First, the partnership between the parents have changed. Sex is off the table, at least for a while, and sleep deprivation makes handling conflicts over parenting, finances, and other issues more difficult to handle–right when the conflicts ramp up.

The lack of emotional and physical intimacy, especially for men who depend entirely on their partner for emotional closeness, is a bitter pill to swallow for many new fathers.

Speaking of finances, a mother who has just given birth needs at least six weeks to recover, maybe more if she’s had a C-section. She will be out of work for at least that time. Since parental leave in the US is so abysmal, and new parents have very little support on a state and federal level, the stress for keeping the family afloat while the mother is recovering falls to the other parent.

The father may also feel that his bond with the new baby is not as strong as the mother’s bond, so he may feel left out of building a relationship with his newborn.

In addition, there are psychological stresses to parenting. The new dad must resolve conflicts about his own childhood and his own father, looking for a model for his own parenthood. If the new dad has a bad relationship with his own father, he may have to seek role models elsewhere–something few people do before impending fatherhood.

All of these stresses and conflicts impact a new dad’s mental health. As I said in the first paragraph, up to 25% of new fathers suffer depression in the first year of their baby’s life.

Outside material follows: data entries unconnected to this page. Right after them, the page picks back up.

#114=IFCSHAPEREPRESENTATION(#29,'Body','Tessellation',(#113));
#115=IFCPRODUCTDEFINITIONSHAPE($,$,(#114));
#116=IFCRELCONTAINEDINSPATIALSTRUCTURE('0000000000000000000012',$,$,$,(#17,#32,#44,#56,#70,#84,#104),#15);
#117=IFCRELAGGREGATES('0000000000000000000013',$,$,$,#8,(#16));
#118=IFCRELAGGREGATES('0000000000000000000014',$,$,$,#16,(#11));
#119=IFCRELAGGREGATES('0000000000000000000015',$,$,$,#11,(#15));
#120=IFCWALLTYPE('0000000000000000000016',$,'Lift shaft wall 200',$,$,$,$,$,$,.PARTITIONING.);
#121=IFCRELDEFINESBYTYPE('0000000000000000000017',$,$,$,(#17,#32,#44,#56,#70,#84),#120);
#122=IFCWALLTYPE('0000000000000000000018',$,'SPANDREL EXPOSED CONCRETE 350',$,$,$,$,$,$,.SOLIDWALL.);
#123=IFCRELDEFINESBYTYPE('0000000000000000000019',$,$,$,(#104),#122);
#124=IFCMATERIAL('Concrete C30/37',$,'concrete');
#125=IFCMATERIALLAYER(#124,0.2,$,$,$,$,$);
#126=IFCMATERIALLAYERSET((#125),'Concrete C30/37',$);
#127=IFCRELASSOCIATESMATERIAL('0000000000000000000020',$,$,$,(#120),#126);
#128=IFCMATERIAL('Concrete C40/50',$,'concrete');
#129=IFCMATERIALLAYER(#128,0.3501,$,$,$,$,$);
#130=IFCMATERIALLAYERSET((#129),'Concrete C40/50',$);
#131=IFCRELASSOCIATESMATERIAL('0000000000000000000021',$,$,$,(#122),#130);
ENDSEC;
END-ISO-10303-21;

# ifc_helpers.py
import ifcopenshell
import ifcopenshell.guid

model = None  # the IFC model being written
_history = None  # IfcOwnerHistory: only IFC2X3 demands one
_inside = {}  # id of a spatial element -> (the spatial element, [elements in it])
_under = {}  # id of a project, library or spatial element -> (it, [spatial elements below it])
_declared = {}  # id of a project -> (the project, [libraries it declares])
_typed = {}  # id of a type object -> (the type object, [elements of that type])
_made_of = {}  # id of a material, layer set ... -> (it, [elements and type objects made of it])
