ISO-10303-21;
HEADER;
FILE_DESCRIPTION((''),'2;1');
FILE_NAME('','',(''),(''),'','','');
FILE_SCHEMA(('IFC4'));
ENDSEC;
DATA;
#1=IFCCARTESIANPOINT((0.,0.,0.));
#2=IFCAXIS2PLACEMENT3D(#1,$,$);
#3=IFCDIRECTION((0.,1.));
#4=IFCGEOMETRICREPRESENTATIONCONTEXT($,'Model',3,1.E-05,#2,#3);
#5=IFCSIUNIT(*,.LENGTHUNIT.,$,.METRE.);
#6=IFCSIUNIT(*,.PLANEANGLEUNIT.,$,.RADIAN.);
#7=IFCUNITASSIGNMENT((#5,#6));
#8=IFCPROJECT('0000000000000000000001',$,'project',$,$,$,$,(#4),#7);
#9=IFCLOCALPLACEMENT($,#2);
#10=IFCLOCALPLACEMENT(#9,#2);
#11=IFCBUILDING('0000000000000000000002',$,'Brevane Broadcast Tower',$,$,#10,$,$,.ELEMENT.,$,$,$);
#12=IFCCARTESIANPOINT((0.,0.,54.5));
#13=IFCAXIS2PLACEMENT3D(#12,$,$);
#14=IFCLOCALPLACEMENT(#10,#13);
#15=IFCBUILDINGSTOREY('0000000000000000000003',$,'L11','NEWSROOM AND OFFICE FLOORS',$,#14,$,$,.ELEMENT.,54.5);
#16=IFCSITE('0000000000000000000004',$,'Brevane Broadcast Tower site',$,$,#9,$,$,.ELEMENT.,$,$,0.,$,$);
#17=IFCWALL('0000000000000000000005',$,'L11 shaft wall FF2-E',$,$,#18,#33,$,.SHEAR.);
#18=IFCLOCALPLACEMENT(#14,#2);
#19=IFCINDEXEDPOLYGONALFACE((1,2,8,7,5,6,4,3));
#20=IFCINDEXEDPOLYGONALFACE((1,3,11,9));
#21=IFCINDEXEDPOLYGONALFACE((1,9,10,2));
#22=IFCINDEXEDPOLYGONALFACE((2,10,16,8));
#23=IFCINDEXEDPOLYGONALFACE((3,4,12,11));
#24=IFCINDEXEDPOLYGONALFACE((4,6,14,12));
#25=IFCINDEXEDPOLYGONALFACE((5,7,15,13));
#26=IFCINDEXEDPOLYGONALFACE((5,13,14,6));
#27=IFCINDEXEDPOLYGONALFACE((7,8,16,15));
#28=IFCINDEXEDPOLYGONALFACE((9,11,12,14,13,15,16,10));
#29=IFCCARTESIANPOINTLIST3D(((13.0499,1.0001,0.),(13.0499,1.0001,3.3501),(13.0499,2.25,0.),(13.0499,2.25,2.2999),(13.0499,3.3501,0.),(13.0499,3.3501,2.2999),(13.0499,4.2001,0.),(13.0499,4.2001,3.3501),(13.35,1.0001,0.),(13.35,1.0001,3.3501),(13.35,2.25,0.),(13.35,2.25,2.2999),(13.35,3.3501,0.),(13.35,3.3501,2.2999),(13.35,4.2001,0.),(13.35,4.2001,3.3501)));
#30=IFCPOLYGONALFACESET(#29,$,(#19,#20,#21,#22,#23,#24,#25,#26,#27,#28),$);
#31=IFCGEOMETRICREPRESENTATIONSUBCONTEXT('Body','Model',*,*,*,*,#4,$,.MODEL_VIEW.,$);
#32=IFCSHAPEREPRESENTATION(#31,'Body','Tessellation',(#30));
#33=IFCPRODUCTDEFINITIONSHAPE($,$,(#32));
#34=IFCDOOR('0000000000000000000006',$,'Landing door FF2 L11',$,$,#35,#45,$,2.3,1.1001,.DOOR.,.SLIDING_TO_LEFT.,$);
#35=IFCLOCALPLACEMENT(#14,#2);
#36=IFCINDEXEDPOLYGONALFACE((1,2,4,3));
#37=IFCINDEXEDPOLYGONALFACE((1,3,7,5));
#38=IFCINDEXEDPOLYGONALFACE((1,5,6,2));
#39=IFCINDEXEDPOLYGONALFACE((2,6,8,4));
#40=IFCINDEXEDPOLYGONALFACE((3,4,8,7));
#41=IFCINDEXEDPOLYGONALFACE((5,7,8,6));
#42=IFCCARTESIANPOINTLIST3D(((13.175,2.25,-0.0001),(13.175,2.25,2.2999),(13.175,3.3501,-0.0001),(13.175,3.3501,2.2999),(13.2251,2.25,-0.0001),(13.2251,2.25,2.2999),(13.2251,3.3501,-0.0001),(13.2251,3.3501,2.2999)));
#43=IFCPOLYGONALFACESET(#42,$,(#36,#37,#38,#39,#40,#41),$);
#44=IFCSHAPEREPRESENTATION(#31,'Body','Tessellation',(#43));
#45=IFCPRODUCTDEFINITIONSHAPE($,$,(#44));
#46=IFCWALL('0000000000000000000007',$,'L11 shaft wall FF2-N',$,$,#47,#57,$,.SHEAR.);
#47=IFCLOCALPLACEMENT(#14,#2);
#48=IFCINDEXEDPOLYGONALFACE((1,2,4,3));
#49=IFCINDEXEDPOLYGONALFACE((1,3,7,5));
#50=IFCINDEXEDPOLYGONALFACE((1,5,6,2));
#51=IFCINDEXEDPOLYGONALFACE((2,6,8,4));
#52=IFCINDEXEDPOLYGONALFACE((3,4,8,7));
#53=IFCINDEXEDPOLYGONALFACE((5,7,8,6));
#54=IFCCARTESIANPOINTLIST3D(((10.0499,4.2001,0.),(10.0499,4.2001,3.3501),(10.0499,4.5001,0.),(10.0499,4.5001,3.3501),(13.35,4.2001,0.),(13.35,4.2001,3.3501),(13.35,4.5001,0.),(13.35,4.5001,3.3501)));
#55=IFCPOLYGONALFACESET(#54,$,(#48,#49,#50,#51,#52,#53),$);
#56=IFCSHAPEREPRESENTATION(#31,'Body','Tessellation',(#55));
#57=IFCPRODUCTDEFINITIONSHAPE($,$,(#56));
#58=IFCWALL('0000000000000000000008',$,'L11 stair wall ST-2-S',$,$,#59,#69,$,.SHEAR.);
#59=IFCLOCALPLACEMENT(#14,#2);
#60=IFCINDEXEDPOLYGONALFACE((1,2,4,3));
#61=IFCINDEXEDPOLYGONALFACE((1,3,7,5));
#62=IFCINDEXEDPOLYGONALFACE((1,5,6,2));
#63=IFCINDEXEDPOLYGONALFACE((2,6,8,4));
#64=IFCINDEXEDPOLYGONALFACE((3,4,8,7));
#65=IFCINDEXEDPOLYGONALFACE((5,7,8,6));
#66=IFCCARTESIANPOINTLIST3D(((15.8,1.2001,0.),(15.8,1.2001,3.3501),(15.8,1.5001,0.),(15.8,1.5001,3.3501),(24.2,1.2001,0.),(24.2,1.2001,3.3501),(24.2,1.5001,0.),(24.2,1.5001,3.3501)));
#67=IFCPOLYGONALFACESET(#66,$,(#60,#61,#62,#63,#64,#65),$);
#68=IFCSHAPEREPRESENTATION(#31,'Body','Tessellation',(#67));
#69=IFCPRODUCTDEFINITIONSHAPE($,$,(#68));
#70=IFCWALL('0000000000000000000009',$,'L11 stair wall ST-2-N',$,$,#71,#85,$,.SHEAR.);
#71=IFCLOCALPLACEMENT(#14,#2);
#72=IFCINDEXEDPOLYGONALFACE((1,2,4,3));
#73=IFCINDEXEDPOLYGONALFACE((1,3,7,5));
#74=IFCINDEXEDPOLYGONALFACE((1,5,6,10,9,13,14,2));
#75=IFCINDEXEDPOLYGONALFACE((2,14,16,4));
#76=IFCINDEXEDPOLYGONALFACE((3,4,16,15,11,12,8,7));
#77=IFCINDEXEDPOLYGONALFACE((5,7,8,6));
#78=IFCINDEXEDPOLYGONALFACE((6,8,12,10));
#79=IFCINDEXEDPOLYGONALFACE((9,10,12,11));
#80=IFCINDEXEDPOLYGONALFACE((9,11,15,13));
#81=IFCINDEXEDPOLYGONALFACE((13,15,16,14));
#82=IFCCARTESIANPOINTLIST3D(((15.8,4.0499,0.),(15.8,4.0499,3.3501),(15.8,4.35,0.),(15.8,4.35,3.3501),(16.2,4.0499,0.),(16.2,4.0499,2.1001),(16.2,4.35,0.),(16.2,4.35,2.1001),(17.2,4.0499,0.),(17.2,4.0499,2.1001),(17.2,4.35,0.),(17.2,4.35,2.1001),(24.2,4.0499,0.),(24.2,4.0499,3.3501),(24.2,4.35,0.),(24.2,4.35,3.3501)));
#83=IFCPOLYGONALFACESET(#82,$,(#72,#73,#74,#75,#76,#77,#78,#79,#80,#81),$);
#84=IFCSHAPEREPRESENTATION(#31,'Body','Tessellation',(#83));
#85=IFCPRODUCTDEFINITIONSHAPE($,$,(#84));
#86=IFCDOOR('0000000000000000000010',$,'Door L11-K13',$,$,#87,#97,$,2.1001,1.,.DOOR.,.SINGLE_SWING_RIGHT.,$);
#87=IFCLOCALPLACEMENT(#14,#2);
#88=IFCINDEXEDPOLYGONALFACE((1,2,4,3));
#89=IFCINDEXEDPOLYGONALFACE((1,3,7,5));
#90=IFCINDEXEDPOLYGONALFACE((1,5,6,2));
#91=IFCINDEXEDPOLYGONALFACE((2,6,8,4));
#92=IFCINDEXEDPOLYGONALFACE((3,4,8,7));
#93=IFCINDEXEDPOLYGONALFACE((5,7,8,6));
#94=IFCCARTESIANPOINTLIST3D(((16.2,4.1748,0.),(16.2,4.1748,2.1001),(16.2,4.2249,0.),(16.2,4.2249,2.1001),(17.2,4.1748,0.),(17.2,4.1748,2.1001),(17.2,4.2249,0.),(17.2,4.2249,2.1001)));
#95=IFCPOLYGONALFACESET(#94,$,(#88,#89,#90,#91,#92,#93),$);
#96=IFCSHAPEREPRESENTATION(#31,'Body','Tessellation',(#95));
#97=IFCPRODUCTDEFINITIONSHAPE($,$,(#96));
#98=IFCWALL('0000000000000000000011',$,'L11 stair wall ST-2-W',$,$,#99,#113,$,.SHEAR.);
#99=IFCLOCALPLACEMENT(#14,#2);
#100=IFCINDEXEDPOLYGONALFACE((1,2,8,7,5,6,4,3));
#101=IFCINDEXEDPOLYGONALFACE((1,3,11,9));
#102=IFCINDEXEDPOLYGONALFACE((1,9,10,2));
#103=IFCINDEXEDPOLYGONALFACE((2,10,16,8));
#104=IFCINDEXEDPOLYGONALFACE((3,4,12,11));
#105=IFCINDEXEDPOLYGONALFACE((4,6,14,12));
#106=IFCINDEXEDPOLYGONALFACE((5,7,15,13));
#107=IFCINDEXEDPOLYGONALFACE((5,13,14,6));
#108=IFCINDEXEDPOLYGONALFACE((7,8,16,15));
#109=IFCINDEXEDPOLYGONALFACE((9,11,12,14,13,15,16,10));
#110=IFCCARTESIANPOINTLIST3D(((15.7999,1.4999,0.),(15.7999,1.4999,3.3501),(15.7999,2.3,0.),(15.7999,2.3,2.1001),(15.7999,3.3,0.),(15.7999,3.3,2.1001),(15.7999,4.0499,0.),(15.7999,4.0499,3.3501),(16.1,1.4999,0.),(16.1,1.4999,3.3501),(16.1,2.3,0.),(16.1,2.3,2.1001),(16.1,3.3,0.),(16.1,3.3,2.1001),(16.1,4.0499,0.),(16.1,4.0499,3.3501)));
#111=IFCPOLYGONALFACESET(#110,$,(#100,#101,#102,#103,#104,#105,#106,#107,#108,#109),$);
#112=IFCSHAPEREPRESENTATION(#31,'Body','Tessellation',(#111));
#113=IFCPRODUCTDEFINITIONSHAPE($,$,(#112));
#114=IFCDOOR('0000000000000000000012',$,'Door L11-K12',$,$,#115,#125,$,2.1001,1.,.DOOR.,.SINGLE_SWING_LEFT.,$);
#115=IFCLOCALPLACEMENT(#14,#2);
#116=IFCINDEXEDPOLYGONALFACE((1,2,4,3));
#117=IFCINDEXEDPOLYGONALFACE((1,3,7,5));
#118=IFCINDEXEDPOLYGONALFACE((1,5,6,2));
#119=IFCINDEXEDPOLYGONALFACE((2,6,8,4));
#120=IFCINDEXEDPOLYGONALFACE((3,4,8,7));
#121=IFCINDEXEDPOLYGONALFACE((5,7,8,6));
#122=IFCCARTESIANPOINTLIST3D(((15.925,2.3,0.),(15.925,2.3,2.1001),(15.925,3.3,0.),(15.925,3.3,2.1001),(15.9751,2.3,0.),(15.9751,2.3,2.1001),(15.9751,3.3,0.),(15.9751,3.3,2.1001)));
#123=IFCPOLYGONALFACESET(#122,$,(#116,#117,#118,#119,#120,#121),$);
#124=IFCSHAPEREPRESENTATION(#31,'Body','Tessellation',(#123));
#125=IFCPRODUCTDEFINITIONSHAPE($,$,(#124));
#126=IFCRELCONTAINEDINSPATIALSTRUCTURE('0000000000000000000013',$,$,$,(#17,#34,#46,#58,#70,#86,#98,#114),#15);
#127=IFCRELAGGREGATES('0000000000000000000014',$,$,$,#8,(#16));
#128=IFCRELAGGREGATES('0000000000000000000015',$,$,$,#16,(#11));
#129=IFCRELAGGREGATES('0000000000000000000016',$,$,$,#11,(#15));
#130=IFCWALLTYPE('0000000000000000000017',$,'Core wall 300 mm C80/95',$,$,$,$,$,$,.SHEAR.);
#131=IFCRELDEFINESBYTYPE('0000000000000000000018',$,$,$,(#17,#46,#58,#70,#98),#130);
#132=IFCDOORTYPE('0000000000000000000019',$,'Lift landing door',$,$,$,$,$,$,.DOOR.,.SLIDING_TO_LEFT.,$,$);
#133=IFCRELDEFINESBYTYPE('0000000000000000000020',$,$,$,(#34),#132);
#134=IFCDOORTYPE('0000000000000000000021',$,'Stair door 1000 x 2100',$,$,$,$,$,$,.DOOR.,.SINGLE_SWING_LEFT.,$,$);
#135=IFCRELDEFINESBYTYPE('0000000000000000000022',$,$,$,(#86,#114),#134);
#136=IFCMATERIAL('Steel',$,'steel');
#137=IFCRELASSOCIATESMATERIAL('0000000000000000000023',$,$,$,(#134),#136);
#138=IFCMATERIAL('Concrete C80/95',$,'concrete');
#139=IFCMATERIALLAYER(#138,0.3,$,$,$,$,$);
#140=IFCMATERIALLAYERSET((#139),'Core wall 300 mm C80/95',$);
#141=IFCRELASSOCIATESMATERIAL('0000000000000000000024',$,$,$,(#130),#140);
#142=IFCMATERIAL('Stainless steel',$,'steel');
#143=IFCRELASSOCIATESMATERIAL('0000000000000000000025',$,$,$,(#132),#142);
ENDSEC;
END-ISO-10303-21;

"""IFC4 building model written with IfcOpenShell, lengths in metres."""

from ifc_helpers import new_model, si_unit, direction, frame, frame_2d, origin, place, context, subcontext, project, spatial, rectangle, extrude, material, layer, layer_set, type_object, element, fill, save


model = new_model("IFC4")

# Units and contexts
model_context = context("Model", 3, precision=1e-05, world=origin(), true_north=direction((0.0, 1.0)))
body_context = subcontext(model_context, "Body", "Model", "MODEL_VIEW")
ifc_project = project(units=[si_unit("LENGTHUNIT", "METRE"), si_unit("PLANEANGLEUNIT", "RADIAN")], contexts=[model_context])

# Site, building, storey
site_placement = place(None, origin())
site = spatial("IfcSite", under=ifc_project, at=site_placement, Name="Brevane Broadcast Tower site", CompositionType="ELEMENT", RefElevation=0.0)
building_placement = place(site_placement, origin())
building = spatial("IfcBuilding", under=site, at=building_placement, Name="Brevane Broadcast Tower", CompositionType="ELEMENT")
storey_placement = place(building_placement, frame((0.0, 0.0, 54.5)))
storey = spatial("IfcBuildingStorey", under=building, at=storey_placement, Name="L11", Description="NEWSROOM AND OFFICE FLOORS", CompositionType="ELEMENT", Elevation=54.5)

# Shared definitions
ifc_material_1 = material(Name="Steel", Category="steel")
door_type_1 = type_object("IfcDoorType", Name="Stair door 1000 x 2100", OperationType="SINGLE_SWING_LEFT", PredefinedType="DOOR", material=ifc_material_1)

# Shared definitions
ifc_material_2 = material(Name="Concrete C80/95", Category="concrete")
ifc_layer_1 = layer(ifc_material_2, 0.3)
ifc_layer_set_1 = layer_set([ifc_layer_1], Name="Core wall 300 mm C80/95")
wall_type_1 = type_object("IfcWallType", Name="Core wall 300 mm C80/95", PredefinedType="SHEAR", material=ifc_layer_set_1)

# Wall, opening, door
wall_1_placement = place(storey_placement, frame((13.2, 1.0, 0.0), z_axis=(0.0, 0.0, 1.0), x_axis=(0.0, 1.0, 0.0)))
wall_1 = element("IfcWall", 1, at=wall_1_placement, inside=storey, type_object=wall_type_1, Name="L11 shaft wall FF2-E", PredefinedType="SHEAR", context=body_context, shape_type="SweptSolid", body=[
    extrude(rectangle(XDim=3.2, YDim=0.3, at=frame_2d((1.6001, 0.0))), origin(), (0.0, 0.0, 1.0), 3.3501),
])
opening_1_placement = place(wall_1_placement, frame((1.25, 0.0, 0.0)))
opening_1 = element("IfcOpeningElement", 2, at=opening_1_placement, cuts=wall_1, PredefinedType="OPENING", context=body_context, shape_type="SweptSolid", body=[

How to Support Our Fathers

The mental health of our fathers matters, and not just for the father himself.

If the father of the household is emotionally healthy, he can better respond to a newborn’s cries and model emotional resilience to his children. When a father is emotionally supported, he can be a better partner, and maternal mental health improves.

But a dad, especially a new dad, should not be supported just because his mental health impacts others. The father is a human being with his own unique struggles who needs help from not only the people around him, but state and federal governments.

If you have a new dad in your life, offer him and his parenting partner a meal. Check in with the parents on a regular basis, especially after the first two months, when most support around them has usually dried up. Offer an ear to the new father (and mother) if your relationship is close–and even if it isn’t.

Join organizations such as Postpartum Support International, and see what you can do to advocate for new parents, especially fathers, who are often left out of mental health conversations. Include new dads in these conversations as much as possible.

As for the governmental level, write your senator or representative to insist on paternal leave policies in your state. There are many benefits to paternity leave:

  • Fathers who stay home with their newborns develop a greater bond with their babies, which lasts long into the child’s life.
  • Children whose dads stayed home with them have better mental health and cognitive test scores than those children whose fathers stayed away.
  • And the mental and physical health of mothers whose parenting partners stayed with them–and set up an equal parenting relationship–was greatly improved.

Paid parental leave policies are crucial for the mental health of both parents and their children.

Washington state has just passed a state-wide policy requiring three months of paid leave for fathers who work at large companies, occurring any time within the first year of infancy.

My brother-in-law, a new dad himself, is taking two months off of work in June and July to spend time with his wife and baby. (He took one off earlier, when the policy was less robust.)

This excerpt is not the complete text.